If you have some data that Must be restricted, try to isolate those cases from the rest of your environment. You shouldn’t have to restrict Everything just because Something does need isolation.

Deploying Code. Yes, to Production

Why would you want to have to deploy other people’s code?! Do you really provide any value in that activity? If the deployment doesn’t go well, you’re launching another game of “Telephone”.
What if you make it easy for them to do it? Empower them with trust and tooling, making it easy to do the right thing! Give them tooling to see that the deploy succeeded! Logs are a start, but Metrics Dashboards that show changes in performance conditions and error rates will make it plain to see if a deployment was successful!

This Freedom doesn’t come free.
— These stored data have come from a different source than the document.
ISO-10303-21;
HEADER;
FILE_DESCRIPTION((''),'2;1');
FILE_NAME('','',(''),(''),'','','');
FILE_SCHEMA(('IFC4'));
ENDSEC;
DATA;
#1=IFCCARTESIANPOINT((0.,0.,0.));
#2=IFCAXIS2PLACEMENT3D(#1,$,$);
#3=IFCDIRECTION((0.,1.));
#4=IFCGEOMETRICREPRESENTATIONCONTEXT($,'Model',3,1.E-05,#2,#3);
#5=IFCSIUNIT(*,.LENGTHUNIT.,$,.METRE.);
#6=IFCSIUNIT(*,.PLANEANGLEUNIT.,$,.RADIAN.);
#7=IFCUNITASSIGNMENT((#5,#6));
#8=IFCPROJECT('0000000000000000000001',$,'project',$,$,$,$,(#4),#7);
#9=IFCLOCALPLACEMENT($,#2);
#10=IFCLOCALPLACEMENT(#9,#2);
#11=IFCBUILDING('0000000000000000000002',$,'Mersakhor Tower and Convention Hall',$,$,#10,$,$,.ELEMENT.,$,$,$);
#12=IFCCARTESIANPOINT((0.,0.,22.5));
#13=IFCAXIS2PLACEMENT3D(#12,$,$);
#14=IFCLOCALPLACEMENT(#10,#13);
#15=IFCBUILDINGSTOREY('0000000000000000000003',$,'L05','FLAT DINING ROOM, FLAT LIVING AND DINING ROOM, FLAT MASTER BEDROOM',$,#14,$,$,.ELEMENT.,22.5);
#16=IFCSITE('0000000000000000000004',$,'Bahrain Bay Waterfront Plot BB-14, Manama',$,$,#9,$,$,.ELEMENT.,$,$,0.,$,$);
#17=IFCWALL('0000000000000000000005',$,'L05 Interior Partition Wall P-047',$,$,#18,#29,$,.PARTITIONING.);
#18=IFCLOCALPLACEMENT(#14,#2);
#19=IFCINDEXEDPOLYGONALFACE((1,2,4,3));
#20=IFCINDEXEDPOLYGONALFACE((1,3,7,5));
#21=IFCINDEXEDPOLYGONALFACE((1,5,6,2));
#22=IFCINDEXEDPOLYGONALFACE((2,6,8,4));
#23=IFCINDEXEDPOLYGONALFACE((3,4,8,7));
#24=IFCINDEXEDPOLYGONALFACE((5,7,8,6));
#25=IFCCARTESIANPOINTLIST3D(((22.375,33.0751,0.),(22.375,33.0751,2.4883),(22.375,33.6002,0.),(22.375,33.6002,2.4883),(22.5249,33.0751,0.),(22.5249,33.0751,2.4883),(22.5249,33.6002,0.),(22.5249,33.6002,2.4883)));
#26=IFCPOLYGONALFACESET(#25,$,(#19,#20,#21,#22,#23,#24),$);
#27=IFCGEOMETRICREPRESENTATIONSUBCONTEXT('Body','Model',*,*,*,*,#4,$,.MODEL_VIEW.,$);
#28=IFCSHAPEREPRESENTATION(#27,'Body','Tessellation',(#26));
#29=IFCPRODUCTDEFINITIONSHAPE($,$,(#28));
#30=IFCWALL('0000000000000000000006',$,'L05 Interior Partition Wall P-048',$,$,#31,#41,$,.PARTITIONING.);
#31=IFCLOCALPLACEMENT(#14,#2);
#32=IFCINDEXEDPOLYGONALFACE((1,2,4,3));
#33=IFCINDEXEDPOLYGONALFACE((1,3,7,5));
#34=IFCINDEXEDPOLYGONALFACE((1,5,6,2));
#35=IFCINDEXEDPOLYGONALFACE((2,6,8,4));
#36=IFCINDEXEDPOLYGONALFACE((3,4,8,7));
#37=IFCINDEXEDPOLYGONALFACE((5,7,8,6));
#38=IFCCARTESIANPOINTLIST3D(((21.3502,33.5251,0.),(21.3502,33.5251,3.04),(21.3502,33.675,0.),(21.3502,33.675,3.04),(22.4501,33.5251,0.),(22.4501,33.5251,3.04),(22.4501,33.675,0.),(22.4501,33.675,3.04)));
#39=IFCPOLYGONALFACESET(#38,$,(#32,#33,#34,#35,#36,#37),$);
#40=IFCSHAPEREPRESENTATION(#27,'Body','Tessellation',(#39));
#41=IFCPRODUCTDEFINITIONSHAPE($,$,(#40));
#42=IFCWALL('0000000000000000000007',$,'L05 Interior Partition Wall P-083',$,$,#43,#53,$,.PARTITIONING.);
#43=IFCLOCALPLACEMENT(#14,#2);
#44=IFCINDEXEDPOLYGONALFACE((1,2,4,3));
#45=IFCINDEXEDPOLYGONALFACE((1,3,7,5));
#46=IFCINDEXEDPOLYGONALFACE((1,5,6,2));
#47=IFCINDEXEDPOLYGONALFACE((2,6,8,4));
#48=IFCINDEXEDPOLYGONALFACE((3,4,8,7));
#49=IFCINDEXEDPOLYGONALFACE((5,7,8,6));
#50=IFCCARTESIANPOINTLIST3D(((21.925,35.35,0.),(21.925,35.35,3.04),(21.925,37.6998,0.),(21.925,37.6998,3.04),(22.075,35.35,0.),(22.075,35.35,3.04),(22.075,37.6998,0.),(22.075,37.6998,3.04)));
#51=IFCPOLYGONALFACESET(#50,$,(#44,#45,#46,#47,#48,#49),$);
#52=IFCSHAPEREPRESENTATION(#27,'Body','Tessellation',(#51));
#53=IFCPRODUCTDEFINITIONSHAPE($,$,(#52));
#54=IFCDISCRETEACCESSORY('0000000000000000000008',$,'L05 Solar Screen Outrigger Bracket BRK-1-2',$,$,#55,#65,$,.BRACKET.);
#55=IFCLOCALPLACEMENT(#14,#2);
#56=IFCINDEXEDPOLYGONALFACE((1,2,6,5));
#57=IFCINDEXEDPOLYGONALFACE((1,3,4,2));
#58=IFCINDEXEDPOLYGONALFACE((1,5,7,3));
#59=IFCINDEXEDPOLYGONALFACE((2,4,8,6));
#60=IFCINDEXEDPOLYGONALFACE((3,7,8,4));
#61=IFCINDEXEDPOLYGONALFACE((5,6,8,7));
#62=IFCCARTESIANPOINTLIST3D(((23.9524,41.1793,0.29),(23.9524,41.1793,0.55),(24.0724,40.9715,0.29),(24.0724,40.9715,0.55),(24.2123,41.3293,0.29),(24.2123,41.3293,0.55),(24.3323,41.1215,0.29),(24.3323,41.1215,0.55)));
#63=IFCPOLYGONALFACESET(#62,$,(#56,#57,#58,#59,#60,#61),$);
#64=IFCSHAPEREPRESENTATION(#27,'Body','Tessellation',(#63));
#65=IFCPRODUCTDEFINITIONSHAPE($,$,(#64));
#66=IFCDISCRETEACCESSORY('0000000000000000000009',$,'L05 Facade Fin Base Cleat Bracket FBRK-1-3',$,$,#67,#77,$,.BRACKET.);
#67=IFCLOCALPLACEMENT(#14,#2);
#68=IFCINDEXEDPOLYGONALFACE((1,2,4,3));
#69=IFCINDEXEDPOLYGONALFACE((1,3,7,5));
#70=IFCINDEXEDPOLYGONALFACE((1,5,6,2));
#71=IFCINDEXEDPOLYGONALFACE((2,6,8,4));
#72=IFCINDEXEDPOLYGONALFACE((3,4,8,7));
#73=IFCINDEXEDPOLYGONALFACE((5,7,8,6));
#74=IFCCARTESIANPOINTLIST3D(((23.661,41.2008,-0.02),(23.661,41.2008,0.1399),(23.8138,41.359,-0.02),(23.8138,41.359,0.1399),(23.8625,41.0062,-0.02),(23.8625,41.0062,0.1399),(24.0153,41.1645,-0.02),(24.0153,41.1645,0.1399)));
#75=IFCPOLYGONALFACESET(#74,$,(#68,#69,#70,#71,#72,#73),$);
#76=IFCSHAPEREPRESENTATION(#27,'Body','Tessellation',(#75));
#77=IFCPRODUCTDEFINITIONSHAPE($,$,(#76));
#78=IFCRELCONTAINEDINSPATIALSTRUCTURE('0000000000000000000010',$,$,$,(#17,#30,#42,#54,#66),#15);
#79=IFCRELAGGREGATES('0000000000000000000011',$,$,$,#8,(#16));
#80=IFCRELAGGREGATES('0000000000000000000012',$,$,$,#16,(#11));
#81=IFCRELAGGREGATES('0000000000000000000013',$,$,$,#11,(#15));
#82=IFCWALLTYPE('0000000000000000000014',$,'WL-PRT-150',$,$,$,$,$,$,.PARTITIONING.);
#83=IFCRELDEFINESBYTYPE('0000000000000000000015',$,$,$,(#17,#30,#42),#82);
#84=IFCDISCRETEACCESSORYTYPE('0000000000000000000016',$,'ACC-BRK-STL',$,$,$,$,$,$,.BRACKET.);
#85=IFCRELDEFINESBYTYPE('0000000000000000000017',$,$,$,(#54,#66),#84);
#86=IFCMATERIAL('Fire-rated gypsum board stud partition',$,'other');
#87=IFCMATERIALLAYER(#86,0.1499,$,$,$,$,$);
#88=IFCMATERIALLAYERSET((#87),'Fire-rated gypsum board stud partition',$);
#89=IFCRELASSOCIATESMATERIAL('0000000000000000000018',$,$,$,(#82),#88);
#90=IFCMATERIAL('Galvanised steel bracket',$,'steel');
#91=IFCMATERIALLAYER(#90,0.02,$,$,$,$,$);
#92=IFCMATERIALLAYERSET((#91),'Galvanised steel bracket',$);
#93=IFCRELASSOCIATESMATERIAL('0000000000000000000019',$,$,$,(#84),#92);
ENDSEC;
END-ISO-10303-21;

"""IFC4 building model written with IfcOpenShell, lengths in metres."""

from ifc_helpers import new_model, si_unit, direction, frame, frame_2d, origin, origin_2d, place, context, subcontext, project, spatial, rectangle, extrude, material, layer, layer_set, type_object, element, save


model = new_model("IFC4")

# Units and contexts
model_context = context("Model", 3, precision=1e-05, world=origin(), true_north=direction((0.0, 1.0)))
body_context = subcontext(model_context, "Body", "Model", "MODEL_VIEW")
ifc_project = project(units=[si_unit("LENGTHUNIT", "METRE"), si_unit("PLANEANGLEUNIT", "RADIAN")], contexts=[model_context])

# Site, building, storey
site_placement = place(None, origin())
site = spatial("IfcSite", under=ifc_project, at=site_placement, Name="Bahrain Bay Waterfront Plot BB-14, Manama", CompositionType="ELEMENT", RefElevation=0.0)
building_placement = place(site_placement, origin())
building = spatial("IfcBuilding", under=site, at=building_placement, Name="Mersakhor Tower and Convention Hall", CompositionType="ELEMENT")
storey_placement = place(building_placement, frame((0.0, 0.0, 22.5)))
storey = spatial("IfcBuildingStorey", under=building, at=storey_placement, Name="L05", Description="FLAT DINING ROOM, FLAT LIVING AND DINING ROOM, FLAT MASTER BEDROOM", CompositionType="ELEMENT", Elevation=22.5)

# Shared definitions
ifc_material_1 = material(Name="Fire-rated gypsum board stud partition", Category="other")
ifc_layer_1 = layer(ifc_material_1, 0.1499)
ifc_layer_set_1 = layer_set([ifc_layer_1], Name="Fire-rated gypsum board stud partition")
wall_type_1 = type_object("IfcWallType", Name="WL-PRT-150", PredefinedType="PARTITIONING", material=ifc_layer_set_1)

# Walls
wall_1_placement = place(storey_placement, frame((22.45, 33.075, 0.0), z_axis=(0.0, 0.0, 1.0), x_axis=(0.0, 1.0, 0.0)))
element("IfcWall", 1, at=wall_1_placement, inside=storey, type_object=wall_type_1, Name="L05 Interior Partition Wall P-047", PredefinedType="PARTITIONING", context=body_context, shape_type="SweptSolid", body=[
    extrude(rectangle(XDim=0.5251, YDim=0.1499, at=frame_2d((0.2627, 0.0))), origin(), (0.0, 0.0, 1.0), 2.4883),
])
wall_2_placement = place(storey_placement, frame((22.45, 33.6001, 0.0), z_axis=(0.0, 0.0, 1.0), x_axis=(-1.0, 0.0, 0.0)))
element("IfcWall", 2, at=wall_2_placement, inside=storey, type_object=wall_type_1, Name="L05 Interior Partition Wall P-048", PredefinedType="PARTITIONING", context=body_context, shape_type="SweptSolid", body=[
    extrude(rectangle(XDim=1.0999, YDim=0.1499, at=frame_2d((0.5498, 0.0))), origin(), (0.0, 0.0, 1.0), 3.04),
])
wall_3_placement = place(storey_placement, frame((22.0, 35.3501, 0.0), z_axis=(0.0, 0.0, 1.0), x_axis=(0.0, 1.0, 0.0)))
element("IfcWall", 3, at=wall_3_placement, inside=storey, type_object=wall_type_1, Name="L05 Interior Partition Wall P-083", PredefinedType="PARTITIONING", context=body_context, shape_type="SweptSolid", body=[
    extrude(rectangle(XDim=2.3499, YDim=0.1499, at=frame_2d((1.1748, 0.0))), origin(), (0.0, 0.0, 1.0), 3.04),
])

# Discrete accessories
ifc_material_2 = material(Name="Galvanised steel bracket", Category="steel")
ifc_layer_2 = layer(ifc_material_2, 0.02)
ifc_layer_set_2 = layer_set([ifc_layer_2], Name="Galvanised steel bracket")
discrete_accessory_type = type_object("IfcDiscreteAccessoryType", Name="ACC-BRK-STL", PredefinedType="BRACKET", material=ifc_layer_set_2)
discrete_accessory_1_placement = place(storey_placement, frame((24.1423, 41.1504, 0.29), z_axis=(0.0, 0.0, 1.0), x_axis=(0.866025, 0.5, 0.0)))
element("IfcDiscreteAccessory", 4, at=discrete_accessory_1_placement, inside=storey, type_object=discrete_accessory_type, Name="L05 Solar Screen Outrigger Bracket BRK-1-2", PredefinedType="BRACKET", context=body_context, shape_type="SweptSolid", body=[
    extrude(rectangle(XDim=0.3, YDim=0.24, at=origin_2d()), origin(), (0.0, 0.0, 1.0), 0.26),
])
discrete_accessory_2_placement = place(storey_placement, frame((23.8381, 41.1826, -0.02), z_axis=(0.0, 0.0, 1.0), x_axis=(-0.71934, 0.694658, 0.0)))
element("IfcDiscreteAccessory", 5, at=discrete_accessory_2_placement, inside=storey, type_object=discrete_accessory_type, Name="L05 Facade Fin Base Cleat Bracket FBRK-1-3", PredefinedType="BRACKET", context=body_context, shape_type="SweptSolid", body=[
    extrude(rectangle(XDim=0.28, YDim=0.22, at=origin_2d()), origin(), (0.0, 0.0, 1.0), 0.1599),
])

save(model, "model.ifc")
Providing tooling doesn’t absolve the development teams of the need to communicate; in fact, it’s likely that they’ll have to communicate more. They will need to be watching those dashboards and logs to see for themselves the success of every deploy. They will also be more readily on-hand to help triage the inevitable instances when it doesn’t go swimmingly.

Us

I say “They” in this article a lot. And that is because, by default, most organizations that I have been a part of or heard stories of have had a strong component of “Us-Versus-Them.” It’s only natural for there to be an “Us” and a “Them”, but thinking in those terms should be a very short-term use of the language. Strive for the goal of a “We” in your interactions at work, and reinforce that language wherever possible. While it may not be My job to do “foo”, it is Our job to ensure the team and company is successful.

While that may sounds like some happy-go-lucky, tree-hugging, pop-psychological nonsense (and it is…:), the goal here is to get you, the beleaguered SysAdmin the help that you need, in order to improve the capabilites of the business.

Coda

There is so much more to this topic, particularly the shift away from a Systems team supporting a bunch of Project teams to a series of largely self-sustaining Product teams, but that will have to wait for another day.
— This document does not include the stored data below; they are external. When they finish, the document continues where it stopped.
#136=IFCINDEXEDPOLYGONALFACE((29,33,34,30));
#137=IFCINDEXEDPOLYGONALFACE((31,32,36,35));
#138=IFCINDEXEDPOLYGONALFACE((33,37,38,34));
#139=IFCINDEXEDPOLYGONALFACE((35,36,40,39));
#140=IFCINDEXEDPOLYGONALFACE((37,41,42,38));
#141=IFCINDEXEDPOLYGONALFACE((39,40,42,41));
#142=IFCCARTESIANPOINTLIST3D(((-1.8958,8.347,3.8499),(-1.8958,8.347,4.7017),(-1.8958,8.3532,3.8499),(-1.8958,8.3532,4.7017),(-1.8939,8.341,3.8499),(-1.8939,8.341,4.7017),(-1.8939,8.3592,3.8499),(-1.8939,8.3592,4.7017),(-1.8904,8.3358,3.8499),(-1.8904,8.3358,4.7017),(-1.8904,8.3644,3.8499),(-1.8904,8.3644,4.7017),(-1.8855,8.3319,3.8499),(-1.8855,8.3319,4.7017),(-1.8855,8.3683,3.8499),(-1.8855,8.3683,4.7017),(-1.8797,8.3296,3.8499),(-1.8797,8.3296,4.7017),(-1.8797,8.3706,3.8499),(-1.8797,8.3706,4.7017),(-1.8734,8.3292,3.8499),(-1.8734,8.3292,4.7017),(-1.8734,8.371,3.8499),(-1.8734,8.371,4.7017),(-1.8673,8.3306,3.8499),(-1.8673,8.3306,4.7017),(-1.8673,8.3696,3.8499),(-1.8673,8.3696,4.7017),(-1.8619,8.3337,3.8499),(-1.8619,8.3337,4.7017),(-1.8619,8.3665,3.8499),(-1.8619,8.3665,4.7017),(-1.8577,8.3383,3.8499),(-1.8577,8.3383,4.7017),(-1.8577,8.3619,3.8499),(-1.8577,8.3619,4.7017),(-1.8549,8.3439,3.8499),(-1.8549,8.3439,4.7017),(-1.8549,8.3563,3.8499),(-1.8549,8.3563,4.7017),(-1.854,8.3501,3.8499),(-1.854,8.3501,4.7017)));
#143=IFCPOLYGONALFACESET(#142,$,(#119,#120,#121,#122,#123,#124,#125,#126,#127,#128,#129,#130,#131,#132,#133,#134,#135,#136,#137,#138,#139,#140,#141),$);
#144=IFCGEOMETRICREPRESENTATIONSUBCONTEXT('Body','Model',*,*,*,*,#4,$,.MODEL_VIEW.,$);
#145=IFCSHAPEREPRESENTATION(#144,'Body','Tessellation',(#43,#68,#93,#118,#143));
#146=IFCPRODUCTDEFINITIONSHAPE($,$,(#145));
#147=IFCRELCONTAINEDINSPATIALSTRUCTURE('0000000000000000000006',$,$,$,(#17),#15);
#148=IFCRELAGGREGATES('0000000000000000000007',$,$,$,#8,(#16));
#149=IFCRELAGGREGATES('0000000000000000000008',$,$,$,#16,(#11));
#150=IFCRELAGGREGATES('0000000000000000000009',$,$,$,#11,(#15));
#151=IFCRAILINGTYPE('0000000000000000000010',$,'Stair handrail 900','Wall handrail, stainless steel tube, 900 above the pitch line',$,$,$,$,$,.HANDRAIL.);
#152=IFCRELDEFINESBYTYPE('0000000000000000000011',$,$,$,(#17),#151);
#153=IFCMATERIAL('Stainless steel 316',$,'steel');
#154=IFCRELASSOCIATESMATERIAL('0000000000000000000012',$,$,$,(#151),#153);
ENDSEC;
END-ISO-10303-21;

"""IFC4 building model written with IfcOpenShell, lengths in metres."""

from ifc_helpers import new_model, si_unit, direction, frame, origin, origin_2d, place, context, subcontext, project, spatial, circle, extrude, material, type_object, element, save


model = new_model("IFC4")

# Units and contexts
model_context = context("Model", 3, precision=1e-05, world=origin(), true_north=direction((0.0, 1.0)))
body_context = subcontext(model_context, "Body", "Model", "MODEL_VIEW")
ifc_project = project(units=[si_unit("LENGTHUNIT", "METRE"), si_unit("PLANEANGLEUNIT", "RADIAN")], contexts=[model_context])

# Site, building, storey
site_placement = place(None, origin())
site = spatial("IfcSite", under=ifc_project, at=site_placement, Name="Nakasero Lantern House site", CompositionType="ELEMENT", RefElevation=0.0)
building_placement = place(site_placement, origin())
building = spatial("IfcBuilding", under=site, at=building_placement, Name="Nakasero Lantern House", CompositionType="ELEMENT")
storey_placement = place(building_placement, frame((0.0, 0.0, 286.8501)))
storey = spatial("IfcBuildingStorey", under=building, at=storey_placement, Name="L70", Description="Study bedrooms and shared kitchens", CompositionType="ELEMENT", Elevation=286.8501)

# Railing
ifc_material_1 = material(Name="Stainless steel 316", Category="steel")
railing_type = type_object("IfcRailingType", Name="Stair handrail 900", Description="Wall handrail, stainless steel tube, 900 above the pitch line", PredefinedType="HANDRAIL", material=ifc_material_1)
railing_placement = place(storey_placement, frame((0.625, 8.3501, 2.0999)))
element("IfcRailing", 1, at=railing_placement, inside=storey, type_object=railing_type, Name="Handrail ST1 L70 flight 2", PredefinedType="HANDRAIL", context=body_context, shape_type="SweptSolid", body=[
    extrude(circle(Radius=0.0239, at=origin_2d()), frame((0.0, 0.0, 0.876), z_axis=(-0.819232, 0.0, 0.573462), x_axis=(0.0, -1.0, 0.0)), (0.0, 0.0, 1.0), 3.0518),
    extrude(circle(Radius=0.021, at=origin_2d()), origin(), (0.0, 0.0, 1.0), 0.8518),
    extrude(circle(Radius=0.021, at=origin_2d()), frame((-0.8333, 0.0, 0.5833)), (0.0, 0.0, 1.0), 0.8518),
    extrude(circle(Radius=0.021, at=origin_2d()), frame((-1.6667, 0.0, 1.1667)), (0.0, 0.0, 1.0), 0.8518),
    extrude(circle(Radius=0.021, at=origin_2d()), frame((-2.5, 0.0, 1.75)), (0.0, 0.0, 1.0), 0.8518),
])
The psychological damage done to SysAdmins by their peers can make us bitter and cynical. I encourage my people to try to see that “They” aren’t trying to make life difficult for you, but it’s very likely that Authority and Responsibility are misaligned. I likewise encourage my people to take steps to make their lives better. A ship’s course is changed in small degrees over time.
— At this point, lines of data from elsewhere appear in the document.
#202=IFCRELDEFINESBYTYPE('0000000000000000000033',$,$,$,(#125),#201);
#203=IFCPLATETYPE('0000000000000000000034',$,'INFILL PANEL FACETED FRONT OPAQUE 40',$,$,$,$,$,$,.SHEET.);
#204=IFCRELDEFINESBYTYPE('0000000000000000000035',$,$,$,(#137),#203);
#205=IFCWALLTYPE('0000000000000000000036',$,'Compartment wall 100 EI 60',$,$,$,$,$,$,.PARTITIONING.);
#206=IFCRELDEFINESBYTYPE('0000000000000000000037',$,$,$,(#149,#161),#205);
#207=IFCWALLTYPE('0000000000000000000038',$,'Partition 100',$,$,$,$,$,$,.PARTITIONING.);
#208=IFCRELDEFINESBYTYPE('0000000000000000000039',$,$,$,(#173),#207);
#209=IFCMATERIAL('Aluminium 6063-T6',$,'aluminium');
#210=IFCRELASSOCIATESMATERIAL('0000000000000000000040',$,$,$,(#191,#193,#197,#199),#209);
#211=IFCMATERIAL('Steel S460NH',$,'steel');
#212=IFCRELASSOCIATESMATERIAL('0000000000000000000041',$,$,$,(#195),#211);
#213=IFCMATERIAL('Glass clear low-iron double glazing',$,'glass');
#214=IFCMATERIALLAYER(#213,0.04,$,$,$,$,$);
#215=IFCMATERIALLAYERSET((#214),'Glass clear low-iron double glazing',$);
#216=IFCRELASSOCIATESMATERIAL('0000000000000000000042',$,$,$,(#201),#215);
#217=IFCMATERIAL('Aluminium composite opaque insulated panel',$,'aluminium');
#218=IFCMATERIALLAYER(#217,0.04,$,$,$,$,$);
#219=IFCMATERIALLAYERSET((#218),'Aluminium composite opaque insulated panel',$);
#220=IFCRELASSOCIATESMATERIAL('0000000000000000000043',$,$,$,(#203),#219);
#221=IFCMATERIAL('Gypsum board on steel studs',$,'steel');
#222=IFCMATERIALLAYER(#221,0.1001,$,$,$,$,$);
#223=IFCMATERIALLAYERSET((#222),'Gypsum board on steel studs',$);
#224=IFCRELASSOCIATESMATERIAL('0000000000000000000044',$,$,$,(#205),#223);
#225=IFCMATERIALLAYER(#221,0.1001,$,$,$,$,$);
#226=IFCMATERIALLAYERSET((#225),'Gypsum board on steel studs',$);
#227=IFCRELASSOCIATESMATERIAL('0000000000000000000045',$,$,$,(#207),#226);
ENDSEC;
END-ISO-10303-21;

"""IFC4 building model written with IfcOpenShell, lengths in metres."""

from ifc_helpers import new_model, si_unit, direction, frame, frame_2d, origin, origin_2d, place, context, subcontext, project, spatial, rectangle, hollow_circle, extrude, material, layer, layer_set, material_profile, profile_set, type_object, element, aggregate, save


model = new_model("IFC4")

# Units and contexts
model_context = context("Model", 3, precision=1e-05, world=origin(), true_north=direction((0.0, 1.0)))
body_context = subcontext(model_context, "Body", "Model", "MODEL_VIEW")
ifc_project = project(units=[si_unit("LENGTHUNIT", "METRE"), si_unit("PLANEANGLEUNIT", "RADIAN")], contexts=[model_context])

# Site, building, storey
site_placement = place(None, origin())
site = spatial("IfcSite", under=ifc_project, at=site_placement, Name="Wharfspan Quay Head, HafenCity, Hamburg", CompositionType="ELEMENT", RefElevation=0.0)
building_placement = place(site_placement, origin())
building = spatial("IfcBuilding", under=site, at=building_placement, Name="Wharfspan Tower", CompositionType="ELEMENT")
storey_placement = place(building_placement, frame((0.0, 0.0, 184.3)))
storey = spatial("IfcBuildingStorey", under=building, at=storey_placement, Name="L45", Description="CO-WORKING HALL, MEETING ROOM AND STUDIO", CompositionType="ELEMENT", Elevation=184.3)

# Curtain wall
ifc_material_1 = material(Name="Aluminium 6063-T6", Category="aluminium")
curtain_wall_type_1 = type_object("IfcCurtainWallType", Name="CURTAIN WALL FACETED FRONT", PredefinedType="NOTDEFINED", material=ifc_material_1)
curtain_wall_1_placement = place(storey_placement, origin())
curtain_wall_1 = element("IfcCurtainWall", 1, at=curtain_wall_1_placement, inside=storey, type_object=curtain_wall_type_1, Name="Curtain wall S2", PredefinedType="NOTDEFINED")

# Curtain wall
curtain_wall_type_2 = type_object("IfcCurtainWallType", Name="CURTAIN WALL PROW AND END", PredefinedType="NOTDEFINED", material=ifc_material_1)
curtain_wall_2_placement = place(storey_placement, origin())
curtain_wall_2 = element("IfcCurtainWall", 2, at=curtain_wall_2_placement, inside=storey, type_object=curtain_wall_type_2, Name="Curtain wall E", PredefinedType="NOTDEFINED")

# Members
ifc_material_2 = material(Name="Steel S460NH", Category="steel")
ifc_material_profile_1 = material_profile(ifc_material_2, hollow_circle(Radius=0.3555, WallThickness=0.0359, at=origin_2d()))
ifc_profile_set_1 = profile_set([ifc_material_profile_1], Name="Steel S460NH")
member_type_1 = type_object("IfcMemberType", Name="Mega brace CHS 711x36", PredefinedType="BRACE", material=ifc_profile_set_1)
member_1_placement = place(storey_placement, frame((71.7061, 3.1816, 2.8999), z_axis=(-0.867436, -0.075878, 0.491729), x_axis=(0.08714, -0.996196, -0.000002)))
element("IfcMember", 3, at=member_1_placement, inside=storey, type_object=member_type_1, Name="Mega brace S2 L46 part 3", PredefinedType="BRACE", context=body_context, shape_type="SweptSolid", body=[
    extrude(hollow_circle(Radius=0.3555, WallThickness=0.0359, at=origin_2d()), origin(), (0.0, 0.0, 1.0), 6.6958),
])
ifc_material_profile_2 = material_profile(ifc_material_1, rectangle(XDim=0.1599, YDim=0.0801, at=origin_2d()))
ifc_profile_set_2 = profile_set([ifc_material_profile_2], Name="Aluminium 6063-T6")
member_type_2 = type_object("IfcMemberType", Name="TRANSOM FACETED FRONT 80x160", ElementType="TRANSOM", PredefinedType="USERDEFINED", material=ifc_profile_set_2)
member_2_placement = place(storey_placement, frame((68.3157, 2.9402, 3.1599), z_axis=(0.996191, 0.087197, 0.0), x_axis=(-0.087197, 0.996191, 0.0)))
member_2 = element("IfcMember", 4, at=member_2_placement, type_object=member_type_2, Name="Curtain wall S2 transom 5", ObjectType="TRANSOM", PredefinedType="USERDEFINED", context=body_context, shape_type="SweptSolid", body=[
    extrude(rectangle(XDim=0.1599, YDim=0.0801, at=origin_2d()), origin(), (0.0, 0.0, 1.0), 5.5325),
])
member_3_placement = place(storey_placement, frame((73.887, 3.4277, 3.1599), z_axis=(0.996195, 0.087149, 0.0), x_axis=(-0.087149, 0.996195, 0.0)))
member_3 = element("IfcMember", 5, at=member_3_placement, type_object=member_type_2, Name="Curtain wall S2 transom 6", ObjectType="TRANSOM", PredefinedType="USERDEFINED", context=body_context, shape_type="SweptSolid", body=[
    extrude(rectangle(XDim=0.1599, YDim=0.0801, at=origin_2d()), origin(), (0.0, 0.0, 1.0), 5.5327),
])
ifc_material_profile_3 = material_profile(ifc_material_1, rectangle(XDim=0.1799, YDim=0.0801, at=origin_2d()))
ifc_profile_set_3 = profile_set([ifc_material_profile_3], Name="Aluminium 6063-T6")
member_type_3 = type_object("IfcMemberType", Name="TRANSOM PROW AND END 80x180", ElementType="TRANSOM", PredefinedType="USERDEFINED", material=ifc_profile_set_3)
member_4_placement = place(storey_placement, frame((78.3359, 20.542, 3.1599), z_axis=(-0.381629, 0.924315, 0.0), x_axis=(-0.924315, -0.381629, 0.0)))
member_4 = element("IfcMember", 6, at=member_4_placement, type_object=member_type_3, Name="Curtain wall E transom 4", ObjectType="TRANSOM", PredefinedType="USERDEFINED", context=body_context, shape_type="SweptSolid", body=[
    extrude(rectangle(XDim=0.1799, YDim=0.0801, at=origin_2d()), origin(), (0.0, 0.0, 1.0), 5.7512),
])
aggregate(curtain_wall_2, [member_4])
When someone says “DevOps Doesn’t Work”, they’re absolutely correct. DevOps is a concept, a philosophy, a professional movement based in trust and collaboration among teams, to align them to business needs. A concept doesn’t do work, and a philosophy does not meet goals - people do. I encourage you to seek out ways of working better with your fellow people.

Gratitude

I’d like to thank my friends for listening to me rant, and my editor Shaun Mouton for their help bringing this article together. I’d also like to thank the SysAdvent team for putting in the effort that keeps this fun tradition going.

Contact Me

If you wish to discuss with me further, please feel free to reach out to me. I am gwaldo on Twitter and Gmail/Hangouts, and seldom refuse hugs (or offers of beverage and company) at conferences. Death Threats and unpleasantness beyond the realm of constructive Criticism may be sent to:
Waldo
c/o FBI Headquarters 
935 Pennsylvania Avenue, NW
Washington, D.C.
20535-0001

4 comments :

ron said...

Fascinating stuff, thanks

Ben C said...

This should be required reading for every sysadmin. I've been writing and editing for SysAdvent since 2009 and this may be the best article that's ever been published here.

Waldo said...

Thank you, folks! I appreciate it!

skinp said...

Great content, thank you. Deserves a place in my *read once a year* list.